Last night I read the section on counting.
Counting has been a massive struggle for me. I worked my way through Dolciani's chapter on combinations and permutations, did all the exercises, and ended up pretty much where I started out: basically, being "counting" blind: all the problems look alike. I can't tell the difference amongst them, and I can't tell when and where I would do what or why. I have been utterly flummoxed. *
Last night, reading Keller, everything clicked.** From one moment to the next, I abruptly understood why all the problems look alike (to me) and what the solutions have in common logically. I finished up Keller's 5-page explanation and did all of his exercises quickly and correctly. Easy-peasy.
Later on, I'll try Dolciani's exercises and see how I fare.
Here's how Keller explains the counting principle:
Your favorite restaurant offers a combo-meal. You get to pick one each from a menu of 6 sandwiches, 4 side salads, 5 beverages, 10 desserts and 3 sounvenir toys. You decide to eat at this restaurant once every day, ordering a sandwich, salad, beverage, dessert and toy every time, until you have had every possible combination. To the nearest whole number, how many years will it take you??
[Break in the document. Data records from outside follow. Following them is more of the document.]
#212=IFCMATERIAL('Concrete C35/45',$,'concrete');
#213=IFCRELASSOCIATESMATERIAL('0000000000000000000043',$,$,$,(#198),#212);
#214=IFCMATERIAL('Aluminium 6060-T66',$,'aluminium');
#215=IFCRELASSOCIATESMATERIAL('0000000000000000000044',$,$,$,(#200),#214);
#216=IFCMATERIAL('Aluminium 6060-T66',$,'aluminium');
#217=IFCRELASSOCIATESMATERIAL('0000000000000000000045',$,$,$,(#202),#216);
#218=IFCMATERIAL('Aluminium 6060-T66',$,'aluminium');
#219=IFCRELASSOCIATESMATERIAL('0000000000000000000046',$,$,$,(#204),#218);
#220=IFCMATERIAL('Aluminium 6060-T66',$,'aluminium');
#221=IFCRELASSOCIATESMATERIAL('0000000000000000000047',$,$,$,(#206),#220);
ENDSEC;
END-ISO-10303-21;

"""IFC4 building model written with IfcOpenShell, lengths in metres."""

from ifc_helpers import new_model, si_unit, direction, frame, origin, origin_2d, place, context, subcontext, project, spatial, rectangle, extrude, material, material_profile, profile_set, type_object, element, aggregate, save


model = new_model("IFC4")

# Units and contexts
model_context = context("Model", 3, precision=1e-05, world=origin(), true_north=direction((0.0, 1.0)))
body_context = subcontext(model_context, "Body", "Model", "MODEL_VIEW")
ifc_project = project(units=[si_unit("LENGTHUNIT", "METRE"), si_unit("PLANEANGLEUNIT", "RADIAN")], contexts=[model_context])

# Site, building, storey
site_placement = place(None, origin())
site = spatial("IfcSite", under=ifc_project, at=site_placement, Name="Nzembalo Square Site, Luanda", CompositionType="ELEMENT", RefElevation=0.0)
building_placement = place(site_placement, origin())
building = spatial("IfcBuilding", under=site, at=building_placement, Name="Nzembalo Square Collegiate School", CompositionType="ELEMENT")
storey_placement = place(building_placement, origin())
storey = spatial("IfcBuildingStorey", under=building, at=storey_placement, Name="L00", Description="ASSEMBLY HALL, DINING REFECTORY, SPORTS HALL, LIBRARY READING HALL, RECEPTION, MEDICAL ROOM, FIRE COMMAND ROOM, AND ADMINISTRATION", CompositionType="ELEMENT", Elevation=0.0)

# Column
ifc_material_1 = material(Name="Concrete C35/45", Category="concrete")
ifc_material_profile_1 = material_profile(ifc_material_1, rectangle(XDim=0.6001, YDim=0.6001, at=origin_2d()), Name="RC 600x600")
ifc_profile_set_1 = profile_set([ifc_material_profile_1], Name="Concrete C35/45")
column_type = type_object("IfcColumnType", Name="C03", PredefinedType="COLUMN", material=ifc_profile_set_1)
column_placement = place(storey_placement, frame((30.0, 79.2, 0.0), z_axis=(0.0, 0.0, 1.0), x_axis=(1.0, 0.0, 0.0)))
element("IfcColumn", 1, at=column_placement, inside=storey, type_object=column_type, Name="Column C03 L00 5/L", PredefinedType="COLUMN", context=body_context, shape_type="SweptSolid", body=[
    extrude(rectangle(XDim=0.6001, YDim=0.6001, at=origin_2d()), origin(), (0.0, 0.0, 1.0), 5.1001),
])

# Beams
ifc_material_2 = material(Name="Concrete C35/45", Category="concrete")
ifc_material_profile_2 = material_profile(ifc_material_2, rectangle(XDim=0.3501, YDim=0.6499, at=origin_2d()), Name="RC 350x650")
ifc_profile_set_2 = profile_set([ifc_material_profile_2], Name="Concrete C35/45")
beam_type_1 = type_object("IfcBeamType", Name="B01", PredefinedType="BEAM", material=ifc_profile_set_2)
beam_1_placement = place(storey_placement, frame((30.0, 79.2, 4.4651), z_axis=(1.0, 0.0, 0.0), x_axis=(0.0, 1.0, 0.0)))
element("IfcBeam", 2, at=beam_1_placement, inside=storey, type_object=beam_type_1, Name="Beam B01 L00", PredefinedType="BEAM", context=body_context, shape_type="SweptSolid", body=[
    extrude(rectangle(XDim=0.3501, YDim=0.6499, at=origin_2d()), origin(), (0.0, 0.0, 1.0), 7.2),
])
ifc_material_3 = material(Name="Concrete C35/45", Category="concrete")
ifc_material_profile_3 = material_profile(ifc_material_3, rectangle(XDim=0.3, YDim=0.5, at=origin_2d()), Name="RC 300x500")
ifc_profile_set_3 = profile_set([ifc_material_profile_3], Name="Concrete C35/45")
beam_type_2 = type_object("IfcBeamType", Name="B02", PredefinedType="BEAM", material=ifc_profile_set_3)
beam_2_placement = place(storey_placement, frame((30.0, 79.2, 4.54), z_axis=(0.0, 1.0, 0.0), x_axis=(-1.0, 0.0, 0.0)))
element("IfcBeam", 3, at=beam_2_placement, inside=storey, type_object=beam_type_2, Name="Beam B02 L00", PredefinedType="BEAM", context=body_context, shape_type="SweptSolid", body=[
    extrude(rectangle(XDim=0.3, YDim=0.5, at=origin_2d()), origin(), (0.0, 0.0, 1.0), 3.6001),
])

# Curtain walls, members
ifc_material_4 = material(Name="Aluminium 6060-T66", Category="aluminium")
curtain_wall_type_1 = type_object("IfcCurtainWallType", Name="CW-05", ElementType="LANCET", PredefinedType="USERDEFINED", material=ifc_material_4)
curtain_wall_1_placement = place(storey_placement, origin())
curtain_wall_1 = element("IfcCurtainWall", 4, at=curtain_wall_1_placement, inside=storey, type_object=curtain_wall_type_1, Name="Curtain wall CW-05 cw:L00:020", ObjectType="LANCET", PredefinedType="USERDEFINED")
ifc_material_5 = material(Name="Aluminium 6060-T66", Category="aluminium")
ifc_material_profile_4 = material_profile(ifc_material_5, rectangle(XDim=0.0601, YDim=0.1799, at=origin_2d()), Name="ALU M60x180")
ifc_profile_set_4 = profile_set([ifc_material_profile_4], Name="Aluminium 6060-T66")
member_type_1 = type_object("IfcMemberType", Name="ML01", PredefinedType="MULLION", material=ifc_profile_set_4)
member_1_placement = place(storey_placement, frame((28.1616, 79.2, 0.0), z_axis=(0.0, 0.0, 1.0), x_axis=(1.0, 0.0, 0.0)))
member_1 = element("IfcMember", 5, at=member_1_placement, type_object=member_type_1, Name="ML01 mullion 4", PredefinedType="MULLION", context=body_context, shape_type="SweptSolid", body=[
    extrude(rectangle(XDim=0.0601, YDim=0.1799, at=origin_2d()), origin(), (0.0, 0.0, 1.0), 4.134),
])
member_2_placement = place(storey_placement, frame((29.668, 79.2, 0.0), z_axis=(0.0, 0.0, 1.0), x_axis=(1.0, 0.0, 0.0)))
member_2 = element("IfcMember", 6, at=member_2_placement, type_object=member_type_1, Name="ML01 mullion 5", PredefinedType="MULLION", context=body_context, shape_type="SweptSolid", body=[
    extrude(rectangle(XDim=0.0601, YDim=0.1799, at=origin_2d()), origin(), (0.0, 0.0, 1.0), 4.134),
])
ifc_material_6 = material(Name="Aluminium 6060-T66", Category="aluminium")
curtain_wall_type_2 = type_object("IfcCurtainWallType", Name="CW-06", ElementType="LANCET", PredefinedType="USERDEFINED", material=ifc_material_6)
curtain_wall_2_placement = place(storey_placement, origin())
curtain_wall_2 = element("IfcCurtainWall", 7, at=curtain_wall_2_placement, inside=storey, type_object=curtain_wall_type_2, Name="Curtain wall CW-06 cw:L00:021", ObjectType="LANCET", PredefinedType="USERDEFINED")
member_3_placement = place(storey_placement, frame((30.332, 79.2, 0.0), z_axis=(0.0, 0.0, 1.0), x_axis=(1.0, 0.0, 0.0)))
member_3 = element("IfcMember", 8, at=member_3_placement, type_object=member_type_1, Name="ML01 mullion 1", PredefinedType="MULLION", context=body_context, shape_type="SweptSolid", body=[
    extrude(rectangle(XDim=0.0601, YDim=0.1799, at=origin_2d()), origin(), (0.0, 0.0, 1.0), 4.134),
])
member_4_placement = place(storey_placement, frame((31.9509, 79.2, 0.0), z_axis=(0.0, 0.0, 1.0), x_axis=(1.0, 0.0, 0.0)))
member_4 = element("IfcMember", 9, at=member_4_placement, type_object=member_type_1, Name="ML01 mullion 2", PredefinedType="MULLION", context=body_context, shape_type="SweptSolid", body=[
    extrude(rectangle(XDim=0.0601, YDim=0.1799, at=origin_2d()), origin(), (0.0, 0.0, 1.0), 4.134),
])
Do NOT attempt to list all of the combinations. Instead, learn the Counting Principle:
In any situation where you are faced with a series of decisions keep asking yourself:
"Now, how many choices do I have?"
until the last decision has been made. Then to find the overall number of combinations, you multiply together all the numbers of choices you had for each decision.
So in the example I have given you, you have to choose your sandwich from 6 choices, then your salad from 4 choices, your beverage from 5, your dessert from 10 and your toy from 3. And then you are done making decisions. So you multiply and find that there are
6 x 4 x 5 x 10 x 3 =3600 combinations. And then we can divide by 365 days in a year and find that it would take just under 10 years to order every combination. That's a long time but don't be surprised. When you have lots of decisions, or lots of options you get big numbers.
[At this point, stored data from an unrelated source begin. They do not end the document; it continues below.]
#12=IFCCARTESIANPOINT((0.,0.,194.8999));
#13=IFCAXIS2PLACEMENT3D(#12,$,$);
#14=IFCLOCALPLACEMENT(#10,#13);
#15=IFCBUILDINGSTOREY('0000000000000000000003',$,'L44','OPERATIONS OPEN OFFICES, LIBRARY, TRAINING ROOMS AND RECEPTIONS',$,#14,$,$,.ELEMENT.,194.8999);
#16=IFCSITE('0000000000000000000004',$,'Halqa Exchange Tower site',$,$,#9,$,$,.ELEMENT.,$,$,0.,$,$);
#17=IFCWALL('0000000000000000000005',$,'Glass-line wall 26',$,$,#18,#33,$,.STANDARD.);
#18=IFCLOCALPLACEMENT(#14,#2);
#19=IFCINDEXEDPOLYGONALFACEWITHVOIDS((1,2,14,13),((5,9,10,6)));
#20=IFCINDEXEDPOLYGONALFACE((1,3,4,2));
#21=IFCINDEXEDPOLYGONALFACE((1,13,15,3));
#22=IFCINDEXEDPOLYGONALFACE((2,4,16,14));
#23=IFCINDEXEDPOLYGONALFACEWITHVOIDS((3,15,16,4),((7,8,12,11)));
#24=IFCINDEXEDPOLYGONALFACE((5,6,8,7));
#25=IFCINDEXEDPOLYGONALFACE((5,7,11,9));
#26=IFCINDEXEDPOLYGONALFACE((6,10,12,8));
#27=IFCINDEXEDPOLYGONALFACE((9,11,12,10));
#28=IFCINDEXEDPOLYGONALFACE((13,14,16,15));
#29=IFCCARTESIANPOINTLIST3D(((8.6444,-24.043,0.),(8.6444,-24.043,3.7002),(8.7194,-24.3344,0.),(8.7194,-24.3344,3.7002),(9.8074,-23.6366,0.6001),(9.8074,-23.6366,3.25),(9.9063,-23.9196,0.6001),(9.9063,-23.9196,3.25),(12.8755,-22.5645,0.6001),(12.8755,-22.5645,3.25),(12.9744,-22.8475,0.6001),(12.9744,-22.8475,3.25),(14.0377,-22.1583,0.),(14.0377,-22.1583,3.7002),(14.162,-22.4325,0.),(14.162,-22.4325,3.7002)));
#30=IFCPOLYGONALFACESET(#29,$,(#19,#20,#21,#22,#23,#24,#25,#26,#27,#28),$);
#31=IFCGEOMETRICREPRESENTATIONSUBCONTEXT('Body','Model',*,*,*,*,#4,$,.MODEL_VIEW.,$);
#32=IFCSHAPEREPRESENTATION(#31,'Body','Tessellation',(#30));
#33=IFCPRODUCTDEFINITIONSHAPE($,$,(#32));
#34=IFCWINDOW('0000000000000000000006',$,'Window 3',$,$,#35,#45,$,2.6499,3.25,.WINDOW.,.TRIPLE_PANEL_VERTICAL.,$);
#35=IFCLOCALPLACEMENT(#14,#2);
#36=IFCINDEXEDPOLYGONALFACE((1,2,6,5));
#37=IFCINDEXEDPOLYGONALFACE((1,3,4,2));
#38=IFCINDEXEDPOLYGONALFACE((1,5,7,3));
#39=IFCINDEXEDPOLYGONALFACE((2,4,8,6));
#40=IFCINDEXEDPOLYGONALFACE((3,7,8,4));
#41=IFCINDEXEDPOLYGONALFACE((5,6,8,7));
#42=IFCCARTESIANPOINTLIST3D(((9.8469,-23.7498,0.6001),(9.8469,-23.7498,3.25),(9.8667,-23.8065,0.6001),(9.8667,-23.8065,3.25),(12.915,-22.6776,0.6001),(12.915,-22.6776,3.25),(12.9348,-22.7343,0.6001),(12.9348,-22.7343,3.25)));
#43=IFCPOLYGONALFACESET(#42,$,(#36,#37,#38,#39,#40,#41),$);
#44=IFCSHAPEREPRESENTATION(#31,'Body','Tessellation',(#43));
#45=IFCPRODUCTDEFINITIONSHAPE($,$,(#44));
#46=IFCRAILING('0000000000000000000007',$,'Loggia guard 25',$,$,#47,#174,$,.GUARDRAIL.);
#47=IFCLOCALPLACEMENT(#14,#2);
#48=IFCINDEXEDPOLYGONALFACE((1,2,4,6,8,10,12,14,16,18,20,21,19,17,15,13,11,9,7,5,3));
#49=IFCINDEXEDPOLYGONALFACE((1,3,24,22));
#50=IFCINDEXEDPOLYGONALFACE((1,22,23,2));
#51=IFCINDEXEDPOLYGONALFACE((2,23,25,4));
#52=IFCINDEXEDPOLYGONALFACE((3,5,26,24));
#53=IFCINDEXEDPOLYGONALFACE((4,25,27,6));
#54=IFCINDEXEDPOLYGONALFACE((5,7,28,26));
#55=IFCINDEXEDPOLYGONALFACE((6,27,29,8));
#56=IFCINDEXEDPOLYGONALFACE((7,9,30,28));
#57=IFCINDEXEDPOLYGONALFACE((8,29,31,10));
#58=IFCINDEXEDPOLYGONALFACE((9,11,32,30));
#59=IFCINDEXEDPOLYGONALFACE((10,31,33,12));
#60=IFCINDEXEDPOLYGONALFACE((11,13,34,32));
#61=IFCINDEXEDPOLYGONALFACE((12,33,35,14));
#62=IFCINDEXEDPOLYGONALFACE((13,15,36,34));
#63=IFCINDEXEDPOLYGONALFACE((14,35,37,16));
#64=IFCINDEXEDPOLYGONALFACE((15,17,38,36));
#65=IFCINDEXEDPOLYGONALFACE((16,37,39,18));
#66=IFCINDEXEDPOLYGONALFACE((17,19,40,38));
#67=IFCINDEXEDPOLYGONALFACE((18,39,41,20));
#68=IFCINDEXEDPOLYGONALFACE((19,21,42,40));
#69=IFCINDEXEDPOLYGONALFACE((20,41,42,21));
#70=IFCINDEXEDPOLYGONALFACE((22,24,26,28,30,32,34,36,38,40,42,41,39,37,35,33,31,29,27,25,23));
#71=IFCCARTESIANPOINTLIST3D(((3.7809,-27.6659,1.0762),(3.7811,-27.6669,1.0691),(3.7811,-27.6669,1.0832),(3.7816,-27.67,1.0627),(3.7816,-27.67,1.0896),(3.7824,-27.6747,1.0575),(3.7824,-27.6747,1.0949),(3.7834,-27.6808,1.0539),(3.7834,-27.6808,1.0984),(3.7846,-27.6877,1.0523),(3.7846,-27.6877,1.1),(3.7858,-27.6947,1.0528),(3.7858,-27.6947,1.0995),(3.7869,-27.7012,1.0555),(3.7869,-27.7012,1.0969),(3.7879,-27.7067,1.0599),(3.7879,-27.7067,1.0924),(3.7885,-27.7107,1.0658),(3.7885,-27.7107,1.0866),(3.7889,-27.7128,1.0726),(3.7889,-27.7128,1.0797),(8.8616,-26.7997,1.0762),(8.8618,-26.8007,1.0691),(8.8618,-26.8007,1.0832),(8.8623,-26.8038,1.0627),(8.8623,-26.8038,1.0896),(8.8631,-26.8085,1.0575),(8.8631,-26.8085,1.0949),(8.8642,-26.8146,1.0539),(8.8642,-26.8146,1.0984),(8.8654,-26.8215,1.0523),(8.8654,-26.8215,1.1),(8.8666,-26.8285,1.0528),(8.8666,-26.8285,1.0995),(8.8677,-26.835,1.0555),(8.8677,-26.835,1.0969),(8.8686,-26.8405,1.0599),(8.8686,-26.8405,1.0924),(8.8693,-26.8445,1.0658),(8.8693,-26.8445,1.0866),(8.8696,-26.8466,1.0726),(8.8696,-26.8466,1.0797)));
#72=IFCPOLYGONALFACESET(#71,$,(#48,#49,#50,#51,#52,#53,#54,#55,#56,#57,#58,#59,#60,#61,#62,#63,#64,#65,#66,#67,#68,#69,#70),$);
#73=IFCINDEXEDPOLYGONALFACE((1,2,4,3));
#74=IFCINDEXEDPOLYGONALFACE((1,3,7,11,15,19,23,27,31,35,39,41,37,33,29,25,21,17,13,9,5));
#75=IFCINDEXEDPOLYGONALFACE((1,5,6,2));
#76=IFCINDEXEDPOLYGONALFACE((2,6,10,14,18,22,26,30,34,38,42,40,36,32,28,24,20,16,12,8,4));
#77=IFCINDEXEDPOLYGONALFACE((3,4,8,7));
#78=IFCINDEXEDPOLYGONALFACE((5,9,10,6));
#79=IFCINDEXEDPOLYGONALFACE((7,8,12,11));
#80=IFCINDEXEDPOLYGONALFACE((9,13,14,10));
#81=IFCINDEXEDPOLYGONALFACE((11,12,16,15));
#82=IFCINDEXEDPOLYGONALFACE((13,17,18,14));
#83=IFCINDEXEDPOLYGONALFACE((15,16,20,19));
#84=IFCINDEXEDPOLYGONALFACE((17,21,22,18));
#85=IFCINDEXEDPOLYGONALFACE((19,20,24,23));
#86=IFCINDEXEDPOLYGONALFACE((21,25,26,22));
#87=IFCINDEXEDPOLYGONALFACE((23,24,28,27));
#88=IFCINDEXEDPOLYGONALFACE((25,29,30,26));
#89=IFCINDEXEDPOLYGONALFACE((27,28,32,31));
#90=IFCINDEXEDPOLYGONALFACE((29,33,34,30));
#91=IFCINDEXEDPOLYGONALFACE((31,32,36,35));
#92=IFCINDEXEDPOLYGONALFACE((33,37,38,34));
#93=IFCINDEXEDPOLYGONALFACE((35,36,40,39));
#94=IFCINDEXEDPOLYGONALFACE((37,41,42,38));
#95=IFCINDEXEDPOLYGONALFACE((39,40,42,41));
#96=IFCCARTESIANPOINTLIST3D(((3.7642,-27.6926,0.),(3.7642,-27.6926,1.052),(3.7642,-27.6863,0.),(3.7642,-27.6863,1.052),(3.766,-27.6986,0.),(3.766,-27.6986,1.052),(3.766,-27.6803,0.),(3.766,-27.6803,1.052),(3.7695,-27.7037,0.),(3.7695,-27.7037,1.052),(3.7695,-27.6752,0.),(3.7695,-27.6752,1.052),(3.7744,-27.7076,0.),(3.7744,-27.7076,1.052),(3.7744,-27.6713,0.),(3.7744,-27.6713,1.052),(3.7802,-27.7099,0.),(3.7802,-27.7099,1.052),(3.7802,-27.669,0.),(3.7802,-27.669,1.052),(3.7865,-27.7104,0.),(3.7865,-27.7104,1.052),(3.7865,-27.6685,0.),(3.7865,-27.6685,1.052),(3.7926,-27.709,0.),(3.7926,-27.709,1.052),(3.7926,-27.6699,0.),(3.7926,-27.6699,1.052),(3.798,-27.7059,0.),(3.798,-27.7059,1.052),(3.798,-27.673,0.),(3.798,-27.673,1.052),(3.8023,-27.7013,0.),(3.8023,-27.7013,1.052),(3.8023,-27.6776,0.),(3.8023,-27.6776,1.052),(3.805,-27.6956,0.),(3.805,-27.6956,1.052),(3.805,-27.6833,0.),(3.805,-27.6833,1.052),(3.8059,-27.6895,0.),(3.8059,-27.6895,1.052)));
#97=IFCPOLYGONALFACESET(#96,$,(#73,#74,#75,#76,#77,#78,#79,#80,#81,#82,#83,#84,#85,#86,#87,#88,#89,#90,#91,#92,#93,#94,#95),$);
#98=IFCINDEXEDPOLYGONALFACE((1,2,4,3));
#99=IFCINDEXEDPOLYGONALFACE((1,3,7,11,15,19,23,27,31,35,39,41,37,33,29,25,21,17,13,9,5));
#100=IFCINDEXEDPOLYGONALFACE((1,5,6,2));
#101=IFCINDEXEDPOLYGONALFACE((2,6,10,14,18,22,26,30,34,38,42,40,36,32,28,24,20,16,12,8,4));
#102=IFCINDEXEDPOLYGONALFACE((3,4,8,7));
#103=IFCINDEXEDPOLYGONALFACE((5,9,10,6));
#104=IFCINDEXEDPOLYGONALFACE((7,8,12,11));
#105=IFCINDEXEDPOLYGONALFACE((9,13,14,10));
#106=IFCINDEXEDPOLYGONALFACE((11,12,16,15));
The example I just gave you is one of the easiest kinds of counting problems you'll see on an SAT. Many of the other varieties are a little harder to recognize and a little trickier to answer, as the next few examples will show.
After this, Keller shows how the solution to the problem where you've got a family sitting in a row and the mom and dad have to sit on the end chairs while the four kids can sit on any of the in-between chairs (and how many combinations is that???!!!) follows exactly from the solution to the how-many-combinations-in-the-restaurant problem.
I am SO happy to know how many ways a family of 6 can sit in 6 chairs with both parents occupying the end chairs.
Now how many choices do I have?
* I have yet to use either of the two resources you all left for me: the Arlington Agebra Project and a web page created by a math professor who may have sent me the link via email (I don't remember - !). Since I don't remember, I won't link here.
** Well...not everything. Still having trouble with the SAT counting problem that nearly did me in last summer - but I now understand the first part of the problem.